Recent finds in the Taranaki area include the Awakino and Kowhai gas fields that were both discovered in 2008. At Awakino, the Singaporean oil and gas firm STP Energy - the company who discovered the field - is continuing to appraise its discovery and is thought to be interested in employing a jackup rig during the coming New Zealand summer to drill further wells around its Awakino South-1 well.
New Zealand oil and gas firm Greymouth Petroleum declared Kowhai a commercial discovery in 2009 and soon afterwards connected it up to a production station that was linked to the Māui pipeline.
Ripe for Development
While the Taranaki Basin is still being explored, New Zealand has nine other basins – a few of which the country's government believes might be just as resource-rich as Taranaki. In June this year, the government invited bids for oil and gas exploration licenses across 23 blocks and it expects exploration activity across the islands to increase significantly over the next few years.

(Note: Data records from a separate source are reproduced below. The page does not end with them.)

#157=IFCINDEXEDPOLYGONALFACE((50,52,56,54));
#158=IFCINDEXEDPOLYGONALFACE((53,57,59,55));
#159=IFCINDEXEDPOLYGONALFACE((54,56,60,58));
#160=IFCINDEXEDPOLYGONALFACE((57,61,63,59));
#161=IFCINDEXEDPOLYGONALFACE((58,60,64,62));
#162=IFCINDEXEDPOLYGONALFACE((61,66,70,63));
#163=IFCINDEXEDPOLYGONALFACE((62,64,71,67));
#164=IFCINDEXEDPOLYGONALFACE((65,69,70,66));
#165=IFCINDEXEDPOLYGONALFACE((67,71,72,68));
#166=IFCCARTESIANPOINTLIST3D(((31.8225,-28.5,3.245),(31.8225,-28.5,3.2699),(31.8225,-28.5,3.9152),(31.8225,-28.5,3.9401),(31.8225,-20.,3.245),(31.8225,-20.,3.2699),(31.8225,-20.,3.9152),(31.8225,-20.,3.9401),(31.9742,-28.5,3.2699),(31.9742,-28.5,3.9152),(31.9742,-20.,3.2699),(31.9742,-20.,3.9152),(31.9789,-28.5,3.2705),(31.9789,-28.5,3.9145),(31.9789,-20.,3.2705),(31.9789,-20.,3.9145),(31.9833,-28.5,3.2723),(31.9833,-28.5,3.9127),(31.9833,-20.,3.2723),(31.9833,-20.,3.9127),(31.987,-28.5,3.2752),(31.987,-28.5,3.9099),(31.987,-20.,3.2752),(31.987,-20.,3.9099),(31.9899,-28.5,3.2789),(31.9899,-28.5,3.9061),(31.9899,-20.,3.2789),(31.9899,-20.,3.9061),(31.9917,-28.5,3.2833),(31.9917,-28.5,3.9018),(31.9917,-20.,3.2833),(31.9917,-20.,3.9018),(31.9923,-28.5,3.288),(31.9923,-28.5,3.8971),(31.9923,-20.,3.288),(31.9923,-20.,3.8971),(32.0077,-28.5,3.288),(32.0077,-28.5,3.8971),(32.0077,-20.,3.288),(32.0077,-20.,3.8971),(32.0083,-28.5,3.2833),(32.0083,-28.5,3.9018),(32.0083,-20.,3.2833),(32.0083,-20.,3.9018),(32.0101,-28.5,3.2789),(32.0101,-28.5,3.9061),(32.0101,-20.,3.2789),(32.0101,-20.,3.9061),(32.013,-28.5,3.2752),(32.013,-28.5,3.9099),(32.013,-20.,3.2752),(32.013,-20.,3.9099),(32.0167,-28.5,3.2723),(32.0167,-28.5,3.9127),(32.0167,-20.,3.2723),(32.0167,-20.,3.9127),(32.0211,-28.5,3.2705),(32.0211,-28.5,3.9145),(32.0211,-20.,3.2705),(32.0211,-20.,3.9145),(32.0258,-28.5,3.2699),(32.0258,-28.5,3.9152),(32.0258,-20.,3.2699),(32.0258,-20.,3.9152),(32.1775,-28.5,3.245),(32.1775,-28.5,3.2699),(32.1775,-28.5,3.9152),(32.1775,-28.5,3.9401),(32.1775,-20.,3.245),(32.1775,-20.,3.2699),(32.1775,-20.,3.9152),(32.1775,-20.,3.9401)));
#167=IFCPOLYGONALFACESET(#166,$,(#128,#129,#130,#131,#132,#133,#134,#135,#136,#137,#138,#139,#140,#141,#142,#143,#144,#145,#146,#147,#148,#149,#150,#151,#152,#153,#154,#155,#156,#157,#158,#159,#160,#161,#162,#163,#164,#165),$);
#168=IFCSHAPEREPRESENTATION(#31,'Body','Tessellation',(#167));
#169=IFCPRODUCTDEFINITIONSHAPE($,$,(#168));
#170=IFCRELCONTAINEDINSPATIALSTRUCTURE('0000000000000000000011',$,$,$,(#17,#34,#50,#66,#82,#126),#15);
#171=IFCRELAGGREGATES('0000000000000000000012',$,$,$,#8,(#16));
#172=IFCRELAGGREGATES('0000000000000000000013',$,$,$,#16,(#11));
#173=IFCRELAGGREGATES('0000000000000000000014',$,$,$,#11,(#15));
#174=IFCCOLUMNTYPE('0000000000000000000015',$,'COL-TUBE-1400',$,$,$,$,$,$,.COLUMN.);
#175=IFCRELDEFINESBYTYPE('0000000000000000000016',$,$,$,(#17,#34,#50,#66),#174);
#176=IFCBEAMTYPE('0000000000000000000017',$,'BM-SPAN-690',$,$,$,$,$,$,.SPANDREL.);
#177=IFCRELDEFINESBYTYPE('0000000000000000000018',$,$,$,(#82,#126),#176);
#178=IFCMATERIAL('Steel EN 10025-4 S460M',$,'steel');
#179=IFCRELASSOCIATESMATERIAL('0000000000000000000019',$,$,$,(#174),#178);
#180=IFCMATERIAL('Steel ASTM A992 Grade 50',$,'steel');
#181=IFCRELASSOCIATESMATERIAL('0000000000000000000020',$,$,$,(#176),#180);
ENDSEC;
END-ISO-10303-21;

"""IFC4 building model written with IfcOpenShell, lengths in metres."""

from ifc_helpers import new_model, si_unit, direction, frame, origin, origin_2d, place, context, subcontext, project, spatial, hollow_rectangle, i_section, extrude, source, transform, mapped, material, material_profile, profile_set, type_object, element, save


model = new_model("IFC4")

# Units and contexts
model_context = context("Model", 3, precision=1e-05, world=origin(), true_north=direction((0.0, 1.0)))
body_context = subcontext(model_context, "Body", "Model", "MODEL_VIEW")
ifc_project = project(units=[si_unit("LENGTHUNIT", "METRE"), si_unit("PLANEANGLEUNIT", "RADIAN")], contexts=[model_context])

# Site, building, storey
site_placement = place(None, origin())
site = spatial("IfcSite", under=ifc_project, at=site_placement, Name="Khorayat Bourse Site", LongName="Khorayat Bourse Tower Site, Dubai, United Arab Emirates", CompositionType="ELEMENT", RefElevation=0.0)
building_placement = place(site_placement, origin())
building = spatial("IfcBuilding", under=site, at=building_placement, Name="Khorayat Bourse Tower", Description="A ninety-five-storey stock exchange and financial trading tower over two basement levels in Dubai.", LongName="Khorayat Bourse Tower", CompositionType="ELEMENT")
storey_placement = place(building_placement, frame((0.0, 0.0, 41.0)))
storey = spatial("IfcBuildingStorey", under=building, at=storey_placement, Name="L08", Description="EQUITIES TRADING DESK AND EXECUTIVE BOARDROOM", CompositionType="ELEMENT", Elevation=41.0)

One area the government is eying is the East Coast Basin, on the other side of the North Island to Taranaki, which it sees as being a potentially useful source of shale oil and gas resources. In spite of more than 300 oil and gas seeps that have been found in this basin, only around 40 onshore wells have been drilled here since 1955 along with three offshore wells – suggesting the basin is ripe for development.
Houston-based Apache Corporation is looking to explore the East Coast Basin after it made a deal with Canadian oil and gas producer TAG Oil in September 2011.
Apache agreed to pay for the acquisition of 2D and 3D seismic data in the basin, where TAG has a 100-percent working interest over 1.7 million acres. In exchange for this, Apache could earn a 50-percent interest in the acreage – where TAG estimates 1.7 billion barrels of oil equivalent in conventional reservoirs might reside, not to mention more resources from oil-bearing shale formations. An obvious bonus for TAG is that Apache is a pioneer in unconventional drilling techniques, which could prove useful in exploiting any sources of shale oil.
The two companies have already completed a 2D seismic program on the East Coast Basin and plan to drill their first well during early 2013.
Petrobras also has a permit to explore the East Coast Basin which it was granted in 2010. It has been acquiring seismic data and has committed to drill one well on the license.
Meanwhile, Anadarko expects to begin drilling exploration wells in New Zealand by the end of 2013. It plans to drill at least three deep-water wells in the Taranaki Basin and the Canterbury Basin, off the east coast of the South Island.
Another large oil company to show interest in New Zealand is Austria's OMV. OMV already operates the Maari oil field, which is located around 50 miles off the coast of South Taranaki, but the company recognizes that other parts of New Zealand offer "huge potential". It is involved in a pioneering joint venture that has the aim of exploring the Great South Basin off the south coast of the South Island, where Exxon surrendered its own exploration license two years ago.
Oil juniors are also hoping to strike it lucky in New Zealand's under-explored basins. For instance, Kea Petroleum – which has already reported success with a commercial discovery at its onshore Puka 1 well in the Taranaki Basin – has shown interest in the little-explored Northland Basin in the north part of the North Island. Meanwhile, companies such as New Zealand Oil & Gas – a sizable junior which already produces oil and gas from its Tui and Kupe assets in the Taranaki Basin – have looked at obtaining licenses in the Canterbury Basin.
For now, the focus of all these companies remains on the Taranaki Basin. It will likely take a big oil discovery elsewhere in the islands before the majors join independents like Anadarko, Apache, OMV, Petrobras and TAG in a serious search for Kiwi black gold.